REPUBLIKA.CO.ID, JAKARTA -- Komisi untuk orang hilang dan korban tindak kekerasan (Kontras) menyayangkan presiden terpilih, Joko Widodo (Jokowi), yang mengangkat mantan kepala BIN, Letjen (Pur) AM Hendropriyono, sebagai penasihat tim transisi. Hal ini dinilai sebagai pengabaian terhadap semangat penegakkan HAM dalam pemerintahan yang baru akan dibangun.
Koordinator Kontras, Haris Azhar, menyatakan hal ini sebagai keprihatinan akan tindakan Joko Widodo setelah ketetapan KPU. "Joko Widodo sepatutnya paham dengan sejumlah kejahatan kemanusiaan di Indonesia dimana salah kasusnya adalah Talangsari 1989 atau pelakunya adalah Hendropriyono," ujar Haris kepada ROL, Ahad (10/8).
Menurutnya, Hendro adalah orang yang bertanggungjawab dalam pembantaian Talangsari. Demikian pula dengan kasus pembunuhan Munir yang dilakukan oleh agen BIN saat masa Hendropriyono. Sepatutnya, Joko Widodo menyusun agenda transisi salah satunya soal penanganan keadilan bagi korban - korban pelanggaran HAM, bukan bersiasat kuasa dengan pelaku pelanggar HAM.
Pihaknya juga mempertanyakan apa agenda transisi antara SBY dengan Joko Widodo. "Apa yang dijadkan agenda transisi? Apa ukuran dan cara penyusunan prioritasnya? Kenapa RPJM dijadikan rujukan? Lalu apa pentingnya Hendro ada dalam tim tersebut?" tanya Haris.

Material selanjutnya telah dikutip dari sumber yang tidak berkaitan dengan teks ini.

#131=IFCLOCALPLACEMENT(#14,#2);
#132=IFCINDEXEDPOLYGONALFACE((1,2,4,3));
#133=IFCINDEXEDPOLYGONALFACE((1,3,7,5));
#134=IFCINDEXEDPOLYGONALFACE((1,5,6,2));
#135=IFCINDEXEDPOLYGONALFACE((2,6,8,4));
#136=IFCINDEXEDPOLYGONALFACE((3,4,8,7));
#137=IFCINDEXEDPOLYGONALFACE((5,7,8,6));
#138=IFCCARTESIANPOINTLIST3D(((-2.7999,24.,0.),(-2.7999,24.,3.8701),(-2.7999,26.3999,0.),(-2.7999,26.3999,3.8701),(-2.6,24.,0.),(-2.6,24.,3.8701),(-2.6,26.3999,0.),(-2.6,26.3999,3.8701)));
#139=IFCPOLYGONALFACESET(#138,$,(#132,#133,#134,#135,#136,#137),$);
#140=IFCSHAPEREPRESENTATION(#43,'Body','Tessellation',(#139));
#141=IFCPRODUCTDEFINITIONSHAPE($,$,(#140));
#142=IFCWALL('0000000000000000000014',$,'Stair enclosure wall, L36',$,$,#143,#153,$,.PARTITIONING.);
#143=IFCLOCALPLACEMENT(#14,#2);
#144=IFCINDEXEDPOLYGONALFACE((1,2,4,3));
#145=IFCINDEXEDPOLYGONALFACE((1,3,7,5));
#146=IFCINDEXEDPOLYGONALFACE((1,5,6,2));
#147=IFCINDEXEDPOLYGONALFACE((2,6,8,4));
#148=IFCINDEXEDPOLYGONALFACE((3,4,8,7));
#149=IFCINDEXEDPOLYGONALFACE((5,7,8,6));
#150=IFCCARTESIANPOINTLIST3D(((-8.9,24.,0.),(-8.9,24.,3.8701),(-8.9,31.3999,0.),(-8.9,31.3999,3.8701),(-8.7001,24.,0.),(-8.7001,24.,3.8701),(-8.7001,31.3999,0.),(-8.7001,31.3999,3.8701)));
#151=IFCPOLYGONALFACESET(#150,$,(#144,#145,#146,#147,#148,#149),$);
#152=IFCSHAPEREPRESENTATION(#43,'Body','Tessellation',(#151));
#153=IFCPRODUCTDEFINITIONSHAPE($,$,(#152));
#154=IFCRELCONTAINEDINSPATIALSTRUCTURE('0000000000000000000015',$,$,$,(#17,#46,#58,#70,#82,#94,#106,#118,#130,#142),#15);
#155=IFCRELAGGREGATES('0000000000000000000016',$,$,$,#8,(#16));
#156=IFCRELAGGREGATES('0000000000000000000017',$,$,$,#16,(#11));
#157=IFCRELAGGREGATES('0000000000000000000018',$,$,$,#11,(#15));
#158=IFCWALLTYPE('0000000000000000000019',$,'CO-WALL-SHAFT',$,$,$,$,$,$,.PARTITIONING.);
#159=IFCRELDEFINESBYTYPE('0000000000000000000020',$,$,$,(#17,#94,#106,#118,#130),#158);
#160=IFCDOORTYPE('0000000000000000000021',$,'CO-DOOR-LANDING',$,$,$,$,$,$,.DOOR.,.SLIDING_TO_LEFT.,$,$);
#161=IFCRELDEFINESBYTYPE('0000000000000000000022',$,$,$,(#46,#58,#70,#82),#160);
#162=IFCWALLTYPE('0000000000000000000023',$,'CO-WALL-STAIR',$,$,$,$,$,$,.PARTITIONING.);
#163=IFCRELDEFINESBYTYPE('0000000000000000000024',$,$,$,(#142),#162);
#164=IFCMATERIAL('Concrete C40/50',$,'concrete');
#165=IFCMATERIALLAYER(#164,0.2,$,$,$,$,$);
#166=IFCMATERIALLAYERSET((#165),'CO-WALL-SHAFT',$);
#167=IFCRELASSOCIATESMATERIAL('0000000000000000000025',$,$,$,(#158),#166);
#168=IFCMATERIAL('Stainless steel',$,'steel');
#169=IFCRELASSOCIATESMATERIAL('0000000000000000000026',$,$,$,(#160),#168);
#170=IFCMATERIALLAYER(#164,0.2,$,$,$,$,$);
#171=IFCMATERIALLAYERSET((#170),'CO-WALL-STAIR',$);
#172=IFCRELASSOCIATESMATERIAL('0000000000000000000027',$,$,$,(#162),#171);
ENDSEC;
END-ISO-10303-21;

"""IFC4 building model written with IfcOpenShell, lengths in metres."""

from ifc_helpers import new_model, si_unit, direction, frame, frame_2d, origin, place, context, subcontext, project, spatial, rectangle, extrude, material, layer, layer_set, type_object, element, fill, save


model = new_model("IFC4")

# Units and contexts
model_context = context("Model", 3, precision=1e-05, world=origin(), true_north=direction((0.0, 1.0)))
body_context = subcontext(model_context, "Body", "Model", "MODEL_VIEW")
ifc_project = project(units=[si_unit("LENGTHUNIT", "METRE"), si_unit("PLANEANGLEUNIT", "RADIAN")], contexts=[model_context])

Agenda kerja antara Presiden SBY dengan pihak Joko Widodo diduganya hanya upaya perluasan kuasa baik dari pihak Joko Widodo maupun SBY. Jokowi butuh kekuatan lebih dari SBY untuk hadapi oposisi dan SBY sendiri melihat peluang masuk dalam pemerintahan dari Joko. "Hendro saya duga sebagai penghubung komunikasi antara Joko dan SBY. Pantas saja kasus Munir dan Talangsari tidak ada progres," imbuhnya.